A renúncia foi comunicada esta terça-feira, pouco antes do início de mais uma sessão de julgamento. Face à saída de Pedro Delille, o tribunal designou de imediato um advogado oficioso para assegurar a representação legal de Sócrates, de acordo com o previsto no Código de Processo Penal.
Sócrates aponta o dedo ao tribunal
Num comunicado divulgado à comunicação social, citado pelo Correio da Manhã (CM), José Sócrates afirma que a decisão do advogado surge “na sequência do tratamento indevido” que este terá recebido durante a última sessão do julgamento, na qual estava prevista a audição da mãe do ex-governante.
“A hostilidade do tribunal para com o meu advogado chegou a um ponto insuportável para a sua dignidade profissional”, escreveu Sócrates, acrescentando que Pedro Delille “explicou detalhadamente as razões do atraso” na sessão anterior, mas que, ainda assim, “foi maltratado”.
Ausência da mãe de Sócrates
O ex-primeiro-ministro refere também o episódio que envolveu a sua mãe, de 94 anos, que tinha sido convocada a prestar depoimento. “Legalmente, exatamente por ser minha mãe, não está obrigada a testemunhar, embora a sua vontade fosse fazê-lo. No entanto, esse não foi o conselho do seu médico”, afirmou.
Segundo Sócrates, a presença da mãe “poderia agravar as doenças crónicas” de que sofre. Foi entregue ao tribunal um atestado médico para justificar a ausência, mas o documento não foi aceite por ter sido apresentado em cima do acontecimento, quando deveria ter sido remetido no início da sessão, conforme as regras processuais.
O arguido critica o que descreve como uma “atitude de desconsideração” do tribunal face à idade e ao estado de saúde da mãe, comparando com outra decisão tomada na mesma audiência: “O Ministério Público dispensou uma testemunha alegando, entre outras razões, que esta tinha nascido em 1937. A minha mãe nasceu em 1931”, escreveu.
Defesa reage ao tratamento do tribunal
Na mesma nota, José Sócrates diz que tem sido alvo de “interpretações mediáticas falsas”, afirmando que “nem ele, nem o advogado, nem a mãe faltaram à audiência”. “O que é verdade é que o tribunal destratou sem razão o meu advogado, levando ao ato extremo de renunciar ao seu mandato por considerar que não tem condições para exercer, de forma conveniente, a minha defesa”, declarou.
O ex-governante conclui a nota pública com uma mensagem de apreço a Pedro Delille, a quem agradece “a dedicação, o profissionalismo e a amizade demonstradas” durante o exercício da defesa.

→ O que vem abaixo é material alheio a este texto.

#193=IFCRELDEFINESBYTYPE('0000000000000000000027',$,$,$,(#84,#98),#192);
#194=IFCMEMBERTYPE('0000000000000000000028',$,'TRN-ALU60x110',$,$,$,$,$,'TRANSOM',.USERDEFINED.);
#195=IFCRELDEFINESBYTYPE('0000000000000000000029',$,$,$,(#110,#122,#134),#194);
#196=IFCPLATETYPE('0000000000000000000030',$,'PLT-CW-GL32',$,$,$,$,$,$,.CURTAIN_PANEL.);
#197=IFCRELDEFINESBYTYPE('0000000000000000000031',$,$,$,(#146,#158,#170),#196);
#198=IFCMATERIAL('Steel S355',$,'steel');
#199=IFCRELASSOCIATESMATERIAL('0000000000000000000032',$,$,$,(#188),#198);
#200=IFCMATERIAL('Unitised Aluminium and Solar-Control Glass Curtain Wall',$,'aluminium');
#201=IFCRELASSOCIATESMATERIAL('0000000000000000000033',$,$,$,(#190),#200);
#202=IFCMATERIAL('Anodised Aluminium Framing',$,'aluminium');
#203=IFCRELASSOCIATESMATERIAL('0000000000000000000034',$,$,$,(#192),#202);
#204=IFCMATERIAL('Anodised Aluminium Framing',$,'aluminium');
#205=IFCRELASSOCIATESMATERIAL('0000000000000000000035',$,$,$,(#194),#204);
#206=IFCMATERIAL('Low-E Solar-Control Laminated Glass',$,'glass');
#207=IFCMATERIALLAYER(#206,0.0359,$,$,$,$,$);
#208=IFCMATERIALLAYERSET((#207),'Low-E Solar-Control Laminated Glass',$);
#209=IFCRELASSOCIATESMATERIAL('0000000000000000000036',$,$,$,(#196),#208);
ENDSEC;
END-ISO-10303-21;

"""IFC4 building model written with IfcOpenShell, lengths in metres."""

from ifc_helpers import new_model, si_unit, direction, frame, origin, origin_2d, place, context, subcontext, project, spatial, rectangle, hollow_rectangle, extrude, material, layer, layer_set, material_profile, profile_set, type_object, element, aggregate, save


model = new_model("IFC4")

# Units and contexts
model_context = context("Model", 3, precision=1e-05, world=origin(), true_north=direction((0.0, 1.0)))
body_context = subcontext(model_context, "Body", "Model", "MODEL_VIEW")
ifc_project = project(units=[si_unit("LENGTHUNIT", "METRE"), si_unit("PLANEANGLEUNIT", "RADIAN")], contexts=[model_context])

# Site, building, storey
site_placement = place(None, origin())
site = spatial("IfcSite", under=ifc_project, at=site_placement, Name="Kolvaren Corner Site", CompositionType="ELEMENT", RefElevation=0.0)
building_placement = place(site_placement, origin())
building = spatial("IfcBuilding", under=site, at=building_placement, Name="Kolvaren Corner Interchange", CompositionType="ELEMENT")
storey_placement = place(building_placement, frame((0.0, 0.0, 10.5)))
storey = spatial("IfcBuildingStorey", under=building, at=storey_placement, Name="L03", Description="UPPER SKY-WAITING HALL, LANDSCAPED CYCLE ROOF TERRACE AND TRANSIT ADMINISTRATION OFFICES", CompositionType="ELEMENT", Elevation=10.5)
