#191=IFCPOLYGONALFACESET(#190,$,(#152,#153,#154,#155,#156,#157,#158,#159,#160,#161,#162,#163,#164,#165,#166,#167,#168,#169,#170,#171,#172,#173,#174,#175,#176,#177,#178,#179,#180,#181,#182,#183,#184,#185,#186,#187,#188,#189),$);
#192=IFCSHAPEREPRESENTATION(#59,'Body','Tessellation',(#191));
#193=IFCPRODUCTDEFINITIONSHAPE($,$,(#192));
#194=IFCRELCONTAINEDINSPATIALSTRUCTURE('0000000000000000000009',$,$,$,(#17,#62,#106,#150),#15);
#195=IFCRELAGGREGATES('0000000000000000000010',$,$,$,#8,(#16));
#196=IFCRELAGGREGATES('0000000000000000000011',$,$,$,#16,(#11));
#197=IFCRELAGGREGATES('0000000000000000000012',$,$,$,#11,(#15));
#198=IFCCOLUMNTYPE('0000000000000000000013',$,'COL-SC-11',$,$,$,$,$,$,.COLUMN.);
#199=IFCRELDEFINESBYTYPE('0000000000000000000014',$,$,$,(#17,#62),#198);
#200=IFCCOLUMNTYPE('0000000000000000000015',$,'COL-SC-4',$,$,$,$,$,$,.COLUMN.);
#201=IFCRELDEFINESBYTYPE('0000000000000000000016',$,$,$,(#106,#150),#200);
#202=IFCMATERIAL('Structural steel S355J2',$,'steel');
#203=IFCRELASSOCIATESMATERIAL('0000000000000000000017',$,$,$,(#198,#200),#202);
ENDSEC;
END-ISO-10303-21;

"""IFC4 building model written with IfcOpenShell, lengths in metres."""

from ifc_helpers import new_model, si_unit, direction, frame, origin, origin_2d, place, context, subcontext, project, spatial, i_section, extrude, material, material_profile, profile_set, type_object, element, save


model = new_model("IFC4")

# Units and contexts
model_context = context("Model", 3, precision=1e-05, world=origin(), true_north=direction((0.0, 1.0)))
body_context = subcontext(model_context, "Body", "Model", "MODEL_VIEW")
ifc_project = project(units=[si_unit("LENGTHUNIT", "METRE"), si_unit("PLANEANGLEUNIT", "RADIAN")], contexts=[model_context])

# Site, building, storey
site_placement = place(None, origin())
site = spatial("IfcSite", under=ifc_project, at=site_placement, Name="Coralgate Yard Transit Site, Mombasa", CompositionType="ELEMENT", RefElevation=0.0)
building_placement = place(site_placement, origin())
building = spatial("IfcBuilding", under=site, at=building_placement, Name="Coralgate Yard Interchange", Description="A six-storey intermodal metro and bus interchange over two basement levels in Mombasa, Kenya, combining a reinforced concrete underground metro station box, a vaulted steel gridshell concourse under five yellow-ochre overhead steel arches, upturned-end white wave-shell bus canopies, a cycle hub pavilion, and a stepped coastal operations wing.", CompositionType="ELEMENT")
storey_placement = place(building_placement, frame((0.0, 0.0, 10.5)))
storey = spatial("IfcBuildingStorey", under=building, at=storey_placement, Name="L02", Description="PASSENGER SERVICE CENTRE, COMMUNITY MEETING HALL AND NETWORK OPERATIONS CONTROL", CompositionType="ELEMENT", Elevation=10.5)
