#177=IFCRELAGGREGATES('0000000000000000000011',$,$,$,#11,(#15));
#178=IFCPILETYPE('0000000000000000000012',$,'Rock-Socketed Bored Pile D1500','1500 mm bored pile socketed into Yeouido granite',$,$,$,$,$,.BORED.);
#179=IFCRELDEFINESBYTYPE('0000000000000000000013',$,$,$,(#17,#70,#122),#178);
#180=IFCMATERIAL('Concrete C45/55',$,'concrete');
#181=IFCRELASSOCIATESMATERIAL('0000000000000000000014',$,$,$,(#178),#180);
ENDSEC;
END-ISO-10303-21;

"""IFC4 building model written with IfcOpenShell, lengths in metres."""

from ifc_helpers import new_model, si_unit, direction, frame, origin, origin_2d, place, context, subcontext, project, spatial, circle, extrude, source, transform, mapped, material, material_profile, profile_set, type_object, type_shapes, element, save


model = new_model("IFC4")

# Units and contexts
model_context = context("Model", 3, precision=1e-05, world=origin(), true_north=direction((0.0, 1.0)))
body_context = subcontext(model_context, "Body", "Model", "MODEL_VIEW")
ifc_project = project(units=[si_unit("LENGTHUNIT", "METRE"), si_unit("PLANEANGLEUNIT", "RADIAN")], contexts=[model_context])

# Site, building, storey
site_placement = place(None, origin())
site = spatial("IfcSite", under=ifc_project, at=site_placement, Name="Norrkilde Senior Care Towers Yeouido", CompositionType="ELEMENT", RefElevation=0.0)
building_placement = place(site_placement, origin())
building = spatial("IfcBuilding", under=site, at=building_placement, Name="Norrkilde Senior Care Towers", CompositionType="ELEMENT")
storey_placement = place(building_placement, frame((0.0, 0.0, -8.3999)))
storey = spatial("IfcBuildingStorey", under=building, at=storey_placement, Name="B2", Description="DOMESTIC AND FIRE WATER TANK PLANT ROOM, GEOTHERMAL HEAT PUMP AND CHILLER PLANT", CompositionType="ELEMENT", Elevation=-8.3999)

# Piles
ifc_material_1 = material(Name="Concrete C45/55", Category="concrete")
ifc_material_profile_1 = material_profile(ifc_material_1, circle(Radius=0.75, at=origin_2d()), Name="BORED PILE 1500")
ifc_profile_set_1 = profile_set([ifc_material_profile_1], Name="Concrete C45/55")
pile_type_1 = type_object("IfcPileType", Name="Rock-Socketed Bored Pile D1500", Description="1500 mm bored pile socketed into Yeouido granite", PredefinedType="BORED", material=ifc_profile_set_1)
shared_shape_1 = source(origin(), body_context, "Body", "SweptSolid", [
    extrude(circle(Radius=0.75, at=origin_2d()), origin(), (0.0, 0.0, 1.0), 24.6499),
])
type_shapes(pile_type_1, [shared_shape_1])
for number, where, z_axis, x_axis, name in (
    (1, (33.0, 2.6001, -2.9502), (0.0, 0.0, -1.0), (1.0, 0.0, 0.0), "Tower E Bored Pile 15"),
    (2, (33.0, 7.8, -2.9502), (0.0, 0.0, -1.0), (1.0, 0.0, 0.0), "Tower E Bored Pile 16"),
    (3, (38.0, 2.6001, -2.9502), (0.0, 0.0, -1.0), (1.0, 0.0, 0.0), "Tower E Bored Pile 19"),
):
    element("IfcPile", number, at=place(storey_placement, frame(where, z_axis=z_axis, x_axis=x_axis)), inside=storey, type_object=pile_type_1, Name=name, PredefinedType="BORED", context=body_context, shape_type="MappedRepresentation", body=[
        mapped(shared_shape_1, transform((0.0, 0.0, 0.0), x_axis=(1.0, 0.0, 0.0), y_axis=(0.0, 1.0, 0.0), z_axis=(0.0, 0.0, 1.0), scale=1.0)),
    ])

Substituição assegurada por advogado oficioso
Após a renúncia formal, o tribunal nomeou um advogado oficioso, conforme previsto no artigo 64.º do Código de Processo Penal, garantindo a continuidade da defesa e o direito do arguido à representação legal.
A renúncia de um mandatário constitui um ato legítimo e regulado pela Ordem dos Advogados, devendo o defensor comunicar formalmente o fim do mandato e permanecer responsável por assegurar os interesses do cliente até à aceitação de substituição, o que, neste caso, foi imediatamente resolvido pelo tribunal.
Contexto do processo
José Sócrates é o principal arguido no processo Operação Marquês, que investiga alegados crimes de corrupção, branqueamento de capitais, falsificação de documentos e fraude fiscal qualificada. O julgamento decorre no Tribunal Central Criminal de Lisboa e tem sido marcado por várias trocas de advogados e incidentes processuais.
A renúncia de Pedro Delille marca um novo capítulo num dos processos judiciais mais mediáticos da última década, que envolve um antigo primeiro-ministro e um conjunto de empresários e banqueiros acusados de corrupção e tráfico de influências, de acordo com o CM.
O julgamento prossegue com novo advogado nomeado, mantendo-se em vigor o princípio constitucional do direito de defesa garantido a todos os arguidos.